# Estimate flow loss when reducing pipe diameter?



## kilnakorr (16 Apr 2020)

I'm looking for your estimate (or calculations if you want to) on the flow loss when switching 19 mm pipe with 16 mm pipe on a canister filter?

I know there are some unknown variables like filter power etc. But just want your rough estimate.

Say a canister filter rated 2000 lpr with 19 mm pipes, would run how much with 16 mm pipes?


----------



## Zeus. (16 Apr 2020)

kilnakorr said:


> I'm looking for your estimate (or calculations if you want to) on the flow loss when switching 19 mm pipe with 16 mm pipe on a canister filter?



Thats a *big* ask as theres a hit with 19mm pipes - head of water, length of pipes, bends, filter media, pump to start with 



kilnakorr said:


> But just want your rough estimate.



Less - dependant on head of water, length of pipes, bends, filter media, pump 

I wouldn't give an estimate


----------



## rubadudbdub (16 Apr 2020)

Hagen Poiseuille equation will tell you the principles.  I've tried to fit your numbers to the equation, but maths isn't my strong point. An abbreviated version:

Flow =  Pi x pressure gradient x radius ^4
              --------------------------------------------
              Constant x viscosity x length tube

Flow varies proportionally to Pressure gradient along the tube, and to the radius of the tube raised to the power of 4.  More pressure or bigger tube = more flow

It varies inversely to length of tube and viscosity of the fluid. Long tubes and viscous fluids will restrict flow.

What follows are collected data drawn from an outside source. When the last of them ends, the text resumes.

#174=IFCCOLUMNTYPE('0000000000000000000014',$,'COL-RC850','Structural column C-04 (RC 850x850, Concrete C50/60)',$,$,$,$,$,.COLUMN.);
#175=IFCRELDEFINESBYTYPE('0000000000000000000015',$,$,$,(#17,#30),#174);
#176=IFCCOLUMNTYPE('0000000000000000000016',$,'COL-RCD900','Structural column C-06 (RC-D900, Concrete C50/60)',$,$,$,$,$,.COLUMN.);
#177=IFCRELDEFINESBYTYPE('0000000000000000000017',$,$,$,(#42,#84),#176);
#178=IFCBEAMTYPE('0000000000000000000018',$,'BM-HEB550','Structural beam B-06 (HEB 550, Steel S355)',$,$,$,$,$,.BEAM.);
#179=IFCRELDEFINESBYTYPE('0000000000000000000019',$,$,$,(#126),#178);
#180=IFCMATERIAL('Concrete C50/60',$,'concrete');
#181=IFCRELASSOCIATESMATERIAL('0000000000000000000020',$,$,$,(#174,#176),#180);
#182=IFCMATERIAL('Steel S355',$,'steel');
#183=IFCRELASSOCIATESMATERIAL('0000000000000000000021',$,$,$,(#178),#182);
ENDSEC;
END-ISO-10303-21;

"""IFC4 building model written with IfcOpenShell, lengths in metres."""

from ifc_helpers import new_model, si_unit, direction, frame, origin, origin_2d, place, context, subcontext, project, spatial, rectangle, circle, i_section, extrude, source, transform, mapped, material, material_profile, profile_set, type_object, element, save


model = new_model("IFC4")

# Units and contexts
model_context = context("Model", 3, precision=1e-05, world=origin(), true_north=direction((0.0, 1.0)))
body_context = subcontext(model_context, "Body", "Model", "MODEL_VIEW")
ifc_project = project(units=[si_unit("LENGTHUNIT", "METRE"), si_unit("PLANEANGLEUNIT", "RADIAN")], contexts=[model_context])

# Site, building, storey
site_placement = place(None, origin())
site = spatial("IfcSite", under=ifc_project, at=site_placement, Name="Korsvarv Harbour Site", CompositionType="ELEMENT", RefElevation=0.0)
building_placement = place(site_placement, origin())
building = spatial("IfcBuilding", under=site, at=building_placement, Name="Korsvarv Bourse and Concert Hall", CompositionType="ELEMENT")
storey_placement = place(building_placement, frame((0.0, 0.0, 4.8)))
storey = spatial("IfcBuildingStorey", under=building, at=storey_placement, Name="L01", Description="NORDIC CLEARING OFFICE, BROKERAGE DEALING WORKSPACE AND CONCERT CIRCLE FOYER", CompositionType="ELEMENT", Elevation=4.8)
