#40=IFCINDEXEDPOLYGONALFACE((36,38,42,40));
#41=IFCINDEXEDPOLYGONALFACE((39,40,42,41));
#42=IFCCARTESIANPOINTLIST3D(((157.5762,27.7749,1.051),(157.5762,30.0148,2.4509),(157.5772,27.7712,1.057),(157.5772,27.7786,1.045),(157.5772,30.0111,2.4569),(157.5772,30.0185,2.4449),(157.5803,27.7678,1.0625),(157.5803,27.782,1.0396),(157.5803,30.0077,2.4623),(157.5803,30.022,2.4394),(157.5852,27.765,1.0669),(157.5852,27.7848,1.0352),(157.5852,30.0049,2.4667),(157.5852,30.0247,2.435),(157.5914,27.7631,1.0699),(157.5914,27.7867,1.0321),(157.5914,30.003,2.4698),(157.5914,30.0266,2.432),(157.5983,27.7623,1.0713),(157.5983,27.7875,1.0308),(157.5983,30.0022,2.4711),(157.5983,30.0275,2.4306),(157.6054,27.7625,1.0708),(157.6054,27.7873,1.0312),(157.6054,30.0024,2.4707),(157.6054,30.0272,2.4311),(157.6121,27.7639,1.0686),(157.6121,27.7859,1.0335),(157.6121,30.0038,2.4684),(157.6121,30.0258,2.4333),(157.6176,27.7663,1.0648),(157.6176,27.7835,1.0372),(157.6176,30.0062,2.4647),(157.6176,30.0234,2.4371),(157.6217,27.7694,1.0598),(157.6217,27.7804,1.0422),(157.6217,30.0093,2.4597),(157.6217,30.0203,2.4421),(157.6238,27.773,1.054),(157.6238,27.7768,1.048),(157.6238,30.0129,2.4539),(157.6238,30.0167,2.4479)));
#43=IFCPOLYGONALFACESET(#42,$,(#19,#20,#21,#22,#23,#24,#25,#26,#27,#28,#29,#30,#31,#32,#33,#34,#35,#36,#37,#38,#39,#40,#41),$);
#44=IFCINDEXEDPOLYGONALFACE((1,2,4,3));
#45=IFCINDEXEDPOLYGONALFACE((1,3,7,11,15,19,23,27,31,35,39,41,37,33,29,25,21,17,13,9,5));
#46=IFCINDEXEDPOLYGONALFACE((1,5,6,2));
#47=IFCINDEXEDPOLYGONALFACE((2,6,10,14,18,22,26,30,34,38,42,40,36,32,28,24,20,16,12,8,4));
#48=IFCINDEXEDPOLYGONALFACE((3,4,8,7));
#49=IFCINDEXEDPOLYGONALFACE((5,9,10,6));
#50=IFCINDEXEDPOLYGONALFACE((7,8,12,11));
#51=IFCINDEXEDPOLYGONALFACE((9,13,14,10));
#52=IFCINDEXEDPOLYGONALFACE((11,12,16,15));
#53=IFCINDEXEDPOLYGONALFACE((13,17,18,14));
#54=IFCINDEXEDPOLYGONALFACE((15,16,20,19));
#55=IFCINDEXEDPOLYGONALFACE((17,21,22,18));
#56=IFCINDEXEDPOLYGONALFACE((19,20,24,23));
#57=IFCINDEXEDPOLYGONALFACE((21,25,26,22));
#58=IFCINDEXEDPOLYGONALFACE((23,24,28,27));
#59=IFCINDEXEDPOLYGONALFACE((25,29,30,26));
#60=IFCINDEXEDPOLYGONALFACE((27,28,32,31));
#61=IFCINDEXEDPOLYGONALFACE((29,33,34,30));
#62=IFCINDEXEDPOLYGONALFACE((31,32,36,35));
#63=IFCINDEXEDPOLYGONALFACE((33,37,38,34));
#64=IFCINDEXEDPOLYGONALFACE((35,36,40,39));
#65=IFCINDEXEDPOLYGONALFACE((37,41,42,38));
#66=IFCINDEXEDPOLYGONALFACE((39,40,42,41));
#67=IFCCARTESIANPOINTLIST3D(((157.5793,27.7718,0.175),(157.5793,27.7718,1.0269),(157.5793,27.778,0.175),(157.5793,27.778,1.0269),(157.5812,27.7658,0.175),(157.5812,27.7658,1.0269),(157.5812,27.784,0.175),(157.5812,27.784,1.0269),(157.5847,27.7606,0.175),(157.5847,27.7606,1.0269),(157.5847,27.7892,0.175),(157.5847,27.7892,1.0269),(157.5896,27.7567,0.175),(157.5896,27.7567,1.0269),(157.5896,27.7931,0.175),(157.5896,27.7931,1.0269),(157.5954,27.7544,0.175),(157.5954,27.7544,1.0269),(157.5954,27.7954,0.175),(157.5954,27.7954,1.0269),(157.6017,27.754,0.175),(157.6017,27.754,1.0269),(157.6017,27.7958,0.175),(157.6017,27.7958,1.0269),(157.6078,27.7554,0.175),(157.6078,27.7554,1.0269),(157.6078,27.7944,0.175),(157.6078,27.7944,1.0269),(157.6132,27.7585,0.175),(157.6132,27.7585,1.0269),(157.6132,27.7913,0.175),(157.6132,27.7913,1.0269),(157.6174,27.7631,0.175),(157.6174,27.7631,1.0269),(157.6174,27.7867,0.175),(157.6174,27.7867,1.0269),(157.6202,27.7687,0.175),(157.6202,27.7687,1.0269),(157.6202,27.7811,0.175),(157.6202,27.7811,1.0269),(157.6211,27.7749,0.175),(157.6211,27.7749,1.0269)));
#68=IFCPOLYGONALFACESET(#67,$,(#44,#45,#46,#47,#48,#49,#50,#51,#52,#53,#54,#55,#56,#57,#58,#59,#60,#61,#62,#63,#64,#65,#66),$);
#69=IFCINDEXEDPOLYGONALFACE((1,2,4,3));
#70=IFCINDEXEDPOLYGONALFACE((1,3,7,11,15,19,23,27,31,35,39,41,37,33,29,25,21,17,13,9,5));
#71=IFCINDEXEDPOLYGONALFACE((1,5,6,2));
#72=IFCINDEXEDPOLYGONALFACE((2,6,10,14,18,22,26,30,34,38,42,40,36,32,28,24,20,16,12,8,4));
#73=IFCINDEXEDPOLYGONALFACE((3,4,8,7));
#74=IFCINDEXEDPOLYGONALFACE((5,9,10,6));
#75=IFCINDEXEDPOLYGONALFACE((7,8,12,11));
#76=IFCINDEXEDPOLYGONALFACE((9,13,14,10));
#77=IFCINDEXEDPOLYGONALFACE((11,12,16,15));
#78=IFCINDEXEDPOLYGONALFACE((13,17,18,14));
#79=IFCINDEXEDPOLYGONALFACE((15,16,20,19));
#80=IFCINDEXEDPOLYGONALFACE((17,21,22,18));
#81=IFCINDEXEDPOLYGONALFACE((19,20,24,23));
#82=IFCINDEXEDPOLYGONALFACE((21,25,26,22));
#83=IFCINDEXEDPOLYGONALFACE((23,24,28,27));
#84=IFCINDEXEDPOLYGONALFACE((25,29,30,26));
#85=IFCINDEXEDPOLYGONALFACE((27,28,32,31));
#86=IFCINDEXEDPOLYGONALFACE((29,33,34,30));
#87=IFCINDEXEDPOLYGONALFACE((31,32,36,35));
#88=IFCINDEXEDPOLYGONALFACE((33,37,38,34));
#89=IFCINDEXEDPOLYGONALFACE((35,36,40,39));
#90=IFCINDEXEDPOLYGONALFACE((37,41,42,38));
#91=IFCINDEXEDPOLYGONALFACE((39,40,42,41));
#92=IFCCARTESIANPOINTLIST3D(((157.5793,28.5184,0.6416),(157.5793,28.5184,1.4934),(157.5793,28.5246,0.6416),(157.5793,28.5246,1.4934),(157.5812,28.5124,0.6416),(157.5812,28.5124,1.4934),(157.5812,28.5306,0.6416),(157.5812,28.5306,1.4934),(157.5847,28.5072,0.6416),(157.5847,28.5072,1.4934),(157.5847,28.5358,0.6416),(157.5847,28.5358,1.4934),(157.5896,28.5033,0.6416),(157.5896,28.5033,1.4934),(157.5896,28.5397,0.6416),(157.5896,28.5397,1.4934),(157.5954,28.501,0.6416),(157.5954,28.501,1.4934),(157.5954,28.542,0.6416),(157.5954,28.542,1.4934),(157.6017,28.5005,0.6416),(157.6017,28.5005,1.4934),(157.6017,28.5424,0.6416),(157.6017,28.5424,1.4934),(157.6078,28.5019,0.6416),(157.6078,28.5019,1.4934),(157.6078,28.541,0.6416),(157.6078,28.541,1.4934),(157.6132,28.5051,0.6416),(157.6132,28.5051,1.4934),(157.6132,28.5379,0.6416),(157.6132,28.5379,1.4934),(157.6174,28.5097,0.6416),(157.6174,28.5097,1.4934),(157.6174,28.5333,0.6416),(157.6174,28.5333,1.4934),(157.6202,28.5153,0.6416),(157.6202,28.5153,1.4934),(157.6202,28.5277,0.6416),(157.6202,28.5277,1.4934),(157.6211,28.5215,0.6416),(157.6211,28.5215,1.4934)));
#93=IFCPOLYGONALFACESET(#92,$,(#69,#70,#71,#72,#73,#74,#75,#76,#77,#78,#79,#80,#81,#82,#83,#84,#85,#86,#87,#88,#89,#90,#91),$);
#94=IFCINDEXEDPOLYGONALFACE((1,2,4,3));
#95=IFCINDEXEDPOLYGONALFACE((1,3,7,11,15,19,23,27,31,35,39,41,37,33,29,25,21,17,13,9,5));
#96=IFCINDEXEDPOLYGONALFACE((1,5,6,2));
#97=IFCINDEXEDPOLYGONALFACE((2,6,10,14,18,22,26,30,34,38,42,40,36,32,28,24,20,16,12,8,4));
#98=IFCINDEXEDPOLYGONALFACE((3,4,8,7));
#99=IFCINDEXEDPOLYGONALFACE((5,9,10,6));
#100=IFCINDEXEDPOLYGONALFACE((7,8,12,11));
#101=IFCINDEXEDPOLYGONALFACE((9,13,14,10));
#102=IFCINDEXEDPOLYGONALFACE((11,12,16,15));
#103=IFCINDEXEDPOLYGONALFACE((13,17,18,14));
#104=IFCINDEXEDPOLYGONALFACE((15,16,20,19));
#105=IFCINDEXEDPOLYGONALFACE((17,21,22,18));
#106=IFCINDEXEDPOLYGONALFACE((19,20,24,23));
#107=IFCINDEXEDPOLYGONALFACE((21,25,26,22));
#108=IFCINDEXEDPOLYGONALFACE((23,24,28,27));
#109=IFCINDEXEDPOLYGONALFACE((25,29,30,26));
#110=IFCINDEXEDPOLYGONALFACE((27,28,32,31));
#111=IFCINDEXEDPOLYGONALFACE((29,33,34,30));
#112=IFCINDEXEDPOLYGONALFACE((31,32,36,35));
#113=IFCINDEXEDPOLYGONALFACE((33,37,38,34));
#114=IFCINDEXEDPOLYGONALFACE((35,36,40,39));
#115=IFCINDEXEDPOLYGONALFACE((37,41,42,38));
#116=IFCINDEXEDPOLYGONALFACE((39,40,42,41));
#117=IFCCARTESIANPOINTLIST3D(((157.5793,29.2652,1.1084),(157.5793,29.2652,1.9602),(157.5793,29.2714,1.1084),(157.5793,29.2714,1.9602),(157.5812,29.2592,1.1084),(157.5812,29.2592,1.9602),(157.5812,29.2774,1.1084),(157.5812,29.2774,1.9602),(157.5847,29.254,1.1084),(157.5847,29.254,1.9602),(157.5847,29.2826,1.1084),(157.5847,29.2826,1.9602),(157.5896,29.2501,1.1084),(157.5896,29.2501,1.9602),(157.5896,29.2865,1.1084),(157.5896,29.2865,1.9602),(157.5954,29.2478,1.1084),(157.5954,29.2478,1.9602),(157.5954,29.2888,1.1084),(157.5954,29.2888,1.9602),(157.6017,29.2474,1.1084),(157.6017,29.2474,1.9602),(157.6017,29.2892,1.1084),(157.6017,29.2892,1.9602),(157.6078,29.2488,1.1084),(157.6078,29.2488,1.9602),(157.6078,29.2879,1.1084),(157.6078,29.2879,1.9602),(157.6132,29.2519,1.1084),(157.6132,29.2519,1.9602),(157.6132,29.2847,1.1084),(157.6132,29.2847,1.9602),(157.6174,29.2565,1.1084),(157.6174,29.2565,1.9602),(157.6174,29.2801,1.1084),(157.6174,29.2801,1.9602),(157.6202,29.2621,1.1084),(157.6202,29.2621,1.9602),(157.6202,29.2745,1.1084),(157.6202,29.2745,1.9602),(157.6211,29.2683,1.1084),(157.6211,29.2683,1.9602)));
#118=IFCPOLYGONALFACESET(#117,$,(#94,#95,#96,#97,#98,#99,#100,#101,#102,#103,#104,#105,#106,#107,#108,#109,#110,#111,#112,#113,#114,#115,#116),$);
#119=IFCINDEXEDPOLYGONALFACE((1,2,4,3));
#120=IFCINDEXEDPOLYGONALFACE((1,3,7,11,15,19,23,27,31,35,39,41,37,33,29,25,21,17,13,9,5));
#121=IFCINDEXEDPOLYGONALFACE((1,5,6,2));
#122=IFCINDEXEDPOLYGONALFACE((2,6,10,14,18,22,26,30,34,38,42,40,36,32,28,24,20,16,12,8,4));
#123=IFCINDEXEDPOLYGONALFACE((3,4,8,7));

So radius has a big effect, due to it being raised to the power of 4.

The maths in your case is the bit I'm not sure about.  If diameter is 16mm radius = 8mm.  I'll save you some boring bits but comparing 8^4 = 4096 vs 9.5^4 = 8145

The ratio is ~ half, so if all other factors remain the same then flow should also be halved.  But I'll admit that seems a big drop in flow for loosing 3mm off a 19mm diameter. 

Also, Surface area of 16mm pipe 200mm2 vs 280mm2 for 19mm, by my calculation. This doesn't relate to the HP equation but will give you a rough idea that internal resistance will increase and reduce flow. 

Hopefully someone with better maths will come and clarify. 

Overall, I'd not be suprised if you lost at least a third of the flow, although my fag packet maths suggests half. 

If you must use 16mm pipe, you can mitigate the flow drop to some extent by:
1. reducing the length of the tube to a minimum
2. maximising the pressure along the tube by raising the filter up and reducing losses due to water head pressure.


----------



## kilnakorr (17 Apr 2020)

Zeus. said:


> I wouldn't give an estimate


I know it's quite an impossible question to answer. Was hoping someones experience could give me a hint.



rubadudbdub said:


> Overall, I'd not be suprised if you lost at least a third of the flow, although my fag packet maths suggests half.


That's a big loss. True the total hose area is roughly 1/3 less from 16mm to 19mm. 

Question is what canister to use:
2000 lpr using 19 mm hoses hooked up with 16mm hoses.
or
1700 lpr with 16 mm hoses.

I wonder how big a difference there will be between these two options.


----------



## papa_c (17 Apr 2020)

I would always go with the original design recommendations, as there would have been some extensive testing during development.

However if you already have the 19mm filter you could always mock up the reduction and test the output.


----------



## kilnakorr (17 Apr 2020)

papa_c said:


> However if you already have the 19mm filter you could always mock up the reduction and test the output.


I'm currently running with this.
However, looking at the option to replace it. My problem is trying to figure out if it will make any difference. If not, it will just be a waste of money.


----------



## rubadudbdub (17 Apr 2020)

papa_c said:


> you already have the 19mm filter you could always mock up the reduction and test the output.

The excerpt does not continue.